Yes your right I am not certified. Wrong choice of words when I said I do not have license of permit. I am looking to go out with someone to take us out. Maybe some kind of the scuba diver instructor or someone experience. I do understand with now a days everyone sue happy so I do understand if we dont get any help on this topic. I did not know if there are people to hire out to go out with. They do in Mexico and that is were I have had some past experience.


----------



## esenjam (Jan 30, 2013)

Buck306 said:


> Yes your right I am not certified. Wrong choice of words when I said I do not have license of permit. I am looking to go out with someone to take us out. Maybe some kind of the scuba diver instructor or someone experience. I do understand with now a days everyone sue happy so I do understand if we dont get any help on this topic. I did not know if there are people to hire out to go out with. They do in Mexico and that is were I have had some past experience.


No diver or instructor that has a brain in his/her head is going to "take you out diving" just for the experience - especially without you being certified. The laws in Mexico and the liability issues are completely different than in the US. If you want to dive, then get certified in Ohio before you come down and rent or buy gear from a local shop - there are several in the area. You can do a PADI Discover Scuba Class for about $100, but those are generally in a pool, where you can stand up and not drown. Are you coming to Pensacola, Destin, or AL? I can recommend shops in any of these locations.


----------



## AndyS (Nov 22, 2011)

Buck306 said:


> Yes your right I am not certified. Wrong choice of words when I said I do not have license of permit. I am looking to go out with someone to take us out. Maybe some kind of the scuba diver instructor or someone experience. I do understand with now a days everyone sue happy so I do understand if we dont get any help on this topic. I did not know if there are people to hire out to go out with. They do in Mexico and that is were I have had some past experience.


Good luck finding anyone who would loan you gear or fill your tanks if you are not certified. I wouldn't. Scuba is a self-regulated community ... no government licenses or permits required ... & the diving community wants to keep it that way. That's why no dive shop is going to fill your tanks or rent your gear without at least an "open water" cert card from one of the major agencies.

I re-certified when my daughter got hers a few years ago 'cause I'd been out of the water a long time. There was a guy in the class like you .... a buddy (non-instructor) of his had taken him diving 20 or 30 times and he had decided it would be a good idea to get certified. He stated at the end of the class he was really glad he did take the class 'cause he learned a lot of important stuff of which he was unaware.

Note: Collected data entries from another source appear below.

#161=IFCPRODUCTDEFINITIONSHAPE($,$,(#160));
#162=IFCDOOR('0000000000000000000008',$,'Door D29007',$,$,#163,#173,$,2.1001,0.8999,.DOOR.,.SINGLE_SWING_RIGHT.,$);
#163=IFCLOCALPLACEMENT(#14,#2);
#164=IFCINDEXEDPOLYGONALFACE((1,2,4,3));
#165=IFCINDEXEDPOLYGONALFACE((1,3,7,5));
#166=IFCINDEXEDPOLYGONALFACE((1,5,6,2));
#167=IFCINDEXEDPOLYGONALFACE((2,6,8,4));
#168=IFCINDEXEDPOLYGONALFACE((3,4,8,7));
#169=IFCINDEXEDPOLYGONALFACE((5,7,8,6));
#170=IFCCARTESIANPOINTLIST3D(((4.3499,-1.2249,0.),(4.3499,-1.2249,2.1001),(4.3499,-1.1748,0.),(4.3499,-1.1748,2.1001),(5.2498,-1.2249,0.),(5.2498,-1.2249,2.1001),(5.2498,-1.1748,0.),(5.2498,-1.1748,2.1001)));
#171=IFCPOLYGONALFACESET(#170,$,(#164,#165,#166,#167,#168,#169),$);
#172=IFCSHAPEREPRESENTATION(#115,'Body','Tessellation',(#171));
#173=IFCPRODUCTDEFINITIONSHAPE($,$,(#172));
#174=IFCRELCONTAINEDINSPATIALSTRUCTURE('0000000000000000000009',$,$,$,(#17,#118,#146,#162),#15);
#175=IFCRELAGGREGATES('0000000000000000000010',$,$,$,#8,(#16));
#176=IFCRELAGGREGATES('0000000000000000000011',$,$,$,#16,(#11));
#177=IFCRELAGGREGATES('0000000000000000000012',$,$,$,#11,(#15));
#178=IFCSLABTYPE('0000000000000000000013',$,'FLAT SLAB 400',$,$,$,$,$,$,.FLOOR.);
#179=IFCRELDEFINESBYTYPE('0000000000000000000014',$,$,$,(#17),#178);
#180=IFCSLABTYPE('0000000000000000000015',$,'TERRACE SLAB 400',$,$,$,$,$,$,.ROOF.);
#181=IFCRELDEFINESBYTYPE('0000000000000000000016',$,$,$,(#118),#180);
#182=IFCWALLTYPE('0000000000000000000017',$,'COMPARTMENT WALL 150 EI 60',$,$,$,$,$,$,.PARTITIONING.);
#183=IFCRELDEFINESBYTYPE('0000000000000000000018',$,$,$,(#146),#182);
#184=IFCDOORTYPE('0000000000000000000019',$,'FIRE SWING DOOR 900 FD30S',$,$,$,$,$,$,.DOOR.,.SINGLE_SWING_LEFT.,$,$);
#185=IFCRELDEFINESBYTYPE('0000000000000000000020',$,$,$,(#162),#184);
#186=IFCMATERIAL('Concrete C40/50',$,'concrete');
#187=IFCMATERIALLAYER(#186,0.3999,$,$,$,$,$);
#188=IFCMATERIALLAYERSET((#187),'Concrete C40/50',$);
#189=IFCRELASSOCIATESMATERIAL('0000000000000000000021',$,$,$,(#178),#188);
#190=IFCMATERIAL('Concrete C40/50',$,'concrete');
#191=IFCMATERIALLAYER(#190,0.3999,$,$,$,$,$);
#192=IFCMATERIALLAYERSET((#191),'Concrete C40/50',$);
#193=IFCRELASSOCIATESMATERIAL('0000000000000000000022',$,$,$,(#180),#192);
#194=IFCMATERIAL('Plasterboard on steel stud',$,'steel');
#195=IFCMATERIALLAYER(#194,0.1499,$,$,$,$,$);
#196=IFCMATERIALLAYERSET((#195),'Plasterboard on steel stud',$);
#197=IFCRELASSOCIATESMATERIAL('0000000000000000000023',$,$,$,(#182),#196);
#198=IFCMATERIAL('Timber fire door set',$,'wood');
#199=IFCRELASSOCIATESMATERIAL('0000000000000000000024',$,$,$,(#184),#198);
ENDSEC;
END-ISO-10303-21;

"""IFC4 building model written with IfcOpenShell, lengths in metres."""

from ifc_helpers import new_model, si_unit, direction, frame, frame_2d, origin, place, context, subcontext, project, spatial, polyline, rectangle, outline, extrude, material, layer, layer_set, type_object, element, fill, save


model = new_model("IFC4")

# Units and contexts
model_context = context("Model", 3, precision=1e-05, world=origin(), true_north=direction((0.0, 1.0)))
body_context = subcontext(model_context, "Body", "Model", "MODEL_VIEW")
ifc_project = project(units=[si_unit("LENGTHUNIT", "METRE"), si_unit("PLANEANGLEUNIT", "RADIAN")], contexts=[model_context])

If you already have some diving under your belt and know you are comfortable underwater in dive gear you probably don't need to do the "Discover Scuba" class ... go straight for your "Open Water" cert & maybe combine that with an "Advanced Open Water" A lot of shops will do both for one price.

As to diving the gulf in this area ... I haven't yet myself since I moved here a year ago #1: because I've been busy with a stupid job I just ditched, & #2: I wouldn't without going with someone local 'cause I have little familiarity with the currents, tides, other hazards, and dive sites. 

Bottom line here is as the old saying goes .... "you don't know what you don't know."


----------



## Buck306 (Aug 12, 2012)

Well thanks for the help. Did not realize how strict it was. I have done a few lessons in pools and some ocean dives in Mexico. It is something I would like to get is my cert. but here in ohio there is no where to dive that is worth my while. How long dose your certification last? There is oddly a dive shop that dose do classes so I will check it out. Thanks....Sounds like I got some people all hyped on this subject because of my arrogance on this.


----------



## esenjam (Jan 30, 2013)

Buck306 said:


> Well thanks for the help. Did not realize how strict it was. I have done a few lessons in pools and some ocean dives in Mexico. It is something I would like to get is my cert. but here in ohio there is no where to dive that is worth my while. How long dose your certification last? There is oddly a dive shop that dose do classes so I will check it out. Thanks....Sounds like I got some people all hyped on this subject because of my arrogance on this.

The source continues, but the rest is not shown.